New York, Museum of Modern Art, Sixteen Americans, December 1959 - February 1960
The present work, Dawn's Wedding Feast, Column VI was one of the totemic inhabitants of this coolly abstracted, monochromatic environment. The title itself recalls the "rosy fingered dawn" epithet oft used to describe the promising beginning of Odysseus's epic journey in the Odyssey, perhaps suggesting Nevelson's acute awareness that the inclusion in this seminal exhibition was a promising new beginning for her career. Further, there was a dichotomous relationship to the eponymous title which was personally referential for Nevelson, as she ended a fractious marriage in 1941. As much as Nevelson's use of black had a specific function for her, so too was the radical use of pure white. Its application for the environment was intentional and deliberate as she stated, "It was, a kind of wish fulfillment, a transition to a marriage with the world." (Exh. Cat., The Sculpture of Louise Nevelson: Constructing a Legend, New York, The Jewish Museum, 2007, p. 45) The color may have been different but the function for Nevelson was the same, a homogenous and simple color owning the hefty task of uniting disparate and heterogeneous elements into a oneness and sameness.

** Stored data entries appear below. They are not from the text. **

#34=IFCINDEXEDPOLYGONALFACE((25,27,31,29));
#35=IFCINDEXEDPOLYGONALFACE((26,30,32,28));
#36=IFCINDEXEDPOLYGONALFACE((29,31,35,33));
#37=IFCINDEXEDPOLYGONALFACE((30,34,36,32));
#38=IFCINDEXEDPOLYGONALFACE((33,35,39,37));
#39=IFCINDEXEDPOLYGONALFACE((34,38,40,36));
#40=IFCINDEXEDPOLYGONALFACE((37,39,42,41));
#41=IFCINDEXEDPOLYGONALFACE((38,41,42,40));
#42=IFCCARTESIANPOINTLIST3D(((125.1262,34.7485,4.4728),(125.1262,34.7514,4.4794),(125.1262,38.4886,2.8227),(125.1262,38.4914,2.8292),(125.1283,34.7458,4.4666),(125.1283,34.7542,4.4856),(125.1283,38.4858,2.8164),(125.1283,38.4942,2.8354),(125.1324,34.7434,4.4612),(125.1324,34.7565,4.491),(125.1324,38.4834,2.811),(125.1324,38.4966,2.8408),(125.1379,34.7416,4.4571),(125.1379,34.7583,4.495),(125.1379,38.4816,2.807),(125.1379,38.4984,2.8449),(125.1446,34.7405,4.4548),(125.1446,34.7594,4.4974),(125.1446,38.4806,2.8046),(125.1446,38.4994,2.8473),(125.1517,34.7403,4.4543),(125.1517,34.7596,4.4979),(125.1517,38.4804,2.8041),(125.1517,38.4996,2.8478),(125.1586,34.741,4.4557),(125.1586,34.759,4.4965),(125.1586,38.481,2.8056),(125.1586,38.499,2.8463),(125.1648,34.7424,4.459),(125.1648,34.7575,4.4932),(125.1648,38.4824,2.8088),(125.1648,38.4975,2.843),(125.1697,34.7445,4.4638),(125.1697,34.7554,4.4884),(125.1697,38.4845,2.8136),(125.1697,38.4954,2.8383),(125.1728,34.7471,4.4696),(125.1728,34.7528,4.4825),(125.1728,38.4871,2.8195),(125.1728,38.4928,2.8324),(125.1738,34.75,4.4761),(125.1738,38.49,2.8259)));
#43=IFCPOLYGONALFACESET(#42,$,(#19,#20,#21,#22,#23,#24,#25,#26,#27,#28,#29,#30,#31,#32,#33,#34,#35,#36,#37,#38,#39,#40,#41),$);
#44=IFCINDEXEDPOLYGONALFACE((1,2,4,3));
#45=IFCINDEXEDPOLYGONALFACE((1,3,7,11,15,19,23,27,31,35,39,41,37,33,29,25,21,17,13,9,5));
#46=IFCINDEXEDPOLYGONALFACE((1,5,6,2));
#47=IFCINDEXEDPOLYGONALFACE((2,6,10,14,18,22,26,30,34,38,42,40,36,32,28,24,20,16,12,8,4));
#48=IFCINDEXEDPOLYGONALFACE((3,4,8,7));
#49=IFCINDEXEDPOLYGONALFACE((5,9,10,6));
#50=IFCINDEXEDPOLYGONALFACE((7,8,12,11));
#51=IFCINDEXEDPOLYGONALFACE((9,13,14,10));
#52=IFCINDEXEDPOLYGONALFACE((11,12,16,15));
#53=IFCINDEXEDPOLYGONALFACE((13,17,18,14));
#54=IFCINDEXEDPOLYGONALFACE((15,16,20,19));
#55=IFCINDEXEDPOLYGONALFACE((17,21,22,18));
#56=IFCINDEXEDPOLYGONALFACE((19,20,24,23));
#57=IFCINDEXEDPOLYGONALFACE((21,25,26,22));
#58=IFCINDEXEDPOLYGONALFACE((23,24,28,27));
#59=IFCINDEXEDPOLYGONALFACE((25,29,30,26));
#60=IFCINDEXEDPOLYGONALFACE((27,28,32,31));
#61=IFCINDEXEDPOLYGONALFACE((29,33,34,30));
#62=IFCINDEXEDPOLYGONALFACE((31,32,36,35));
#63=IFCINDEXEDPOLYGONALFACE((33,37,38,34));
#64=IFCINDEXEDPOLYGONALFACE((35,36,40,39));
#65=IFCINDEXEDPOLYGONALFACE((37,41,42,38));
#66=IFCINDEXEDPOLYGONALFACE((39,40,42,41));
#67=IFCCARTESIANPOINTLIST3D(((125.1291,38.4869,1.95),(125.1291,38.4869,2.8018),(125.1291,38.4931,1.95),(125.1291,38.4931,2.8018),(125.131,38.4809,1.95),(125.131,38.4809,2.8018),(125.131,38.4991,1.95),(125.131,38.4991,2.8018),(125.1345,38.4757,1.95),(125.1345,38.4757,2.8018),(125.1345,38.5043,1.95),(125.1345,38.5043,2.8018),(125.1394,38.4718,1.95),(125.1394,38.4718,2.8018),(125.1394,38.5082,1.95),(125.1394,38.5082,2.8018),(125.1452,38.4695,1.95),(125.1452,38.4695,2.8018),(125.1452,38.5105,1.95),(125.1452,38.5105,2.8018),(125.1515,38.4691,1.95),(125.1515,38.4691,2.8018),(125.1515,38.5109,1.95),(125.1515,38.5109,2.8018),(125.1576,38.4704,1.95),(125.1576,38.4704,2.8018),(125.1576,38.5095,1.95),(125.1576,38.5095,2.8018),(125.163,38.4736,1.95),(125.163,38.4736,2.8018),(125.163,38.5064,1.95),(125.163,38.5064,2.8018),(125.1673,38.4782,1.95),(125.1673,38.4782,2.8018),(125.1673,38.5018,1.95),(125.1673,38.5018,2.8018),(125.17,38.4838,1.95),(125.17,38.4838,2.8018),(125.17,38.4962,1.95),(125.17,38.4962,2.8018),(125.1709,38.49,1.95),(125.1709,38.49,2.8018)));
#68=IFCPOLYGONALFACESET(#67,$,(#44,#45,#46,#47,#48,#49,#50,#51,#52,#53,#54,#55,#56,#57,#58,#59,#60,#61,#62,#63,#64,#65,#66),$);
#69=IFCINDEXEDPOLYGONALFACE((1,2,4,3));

Although Nevelson had hoped that the environment would have been acquired by an institution in its entirety, it failed to do so. Dawn's Wedding Feast was dismantled and individual works were sold to institutions and private collectors; others were reconfigured and traveled on to be exhibited as part of the installation Voyage, the white environment exhibited at the American Pavilion of the Venice Biennale in 1962.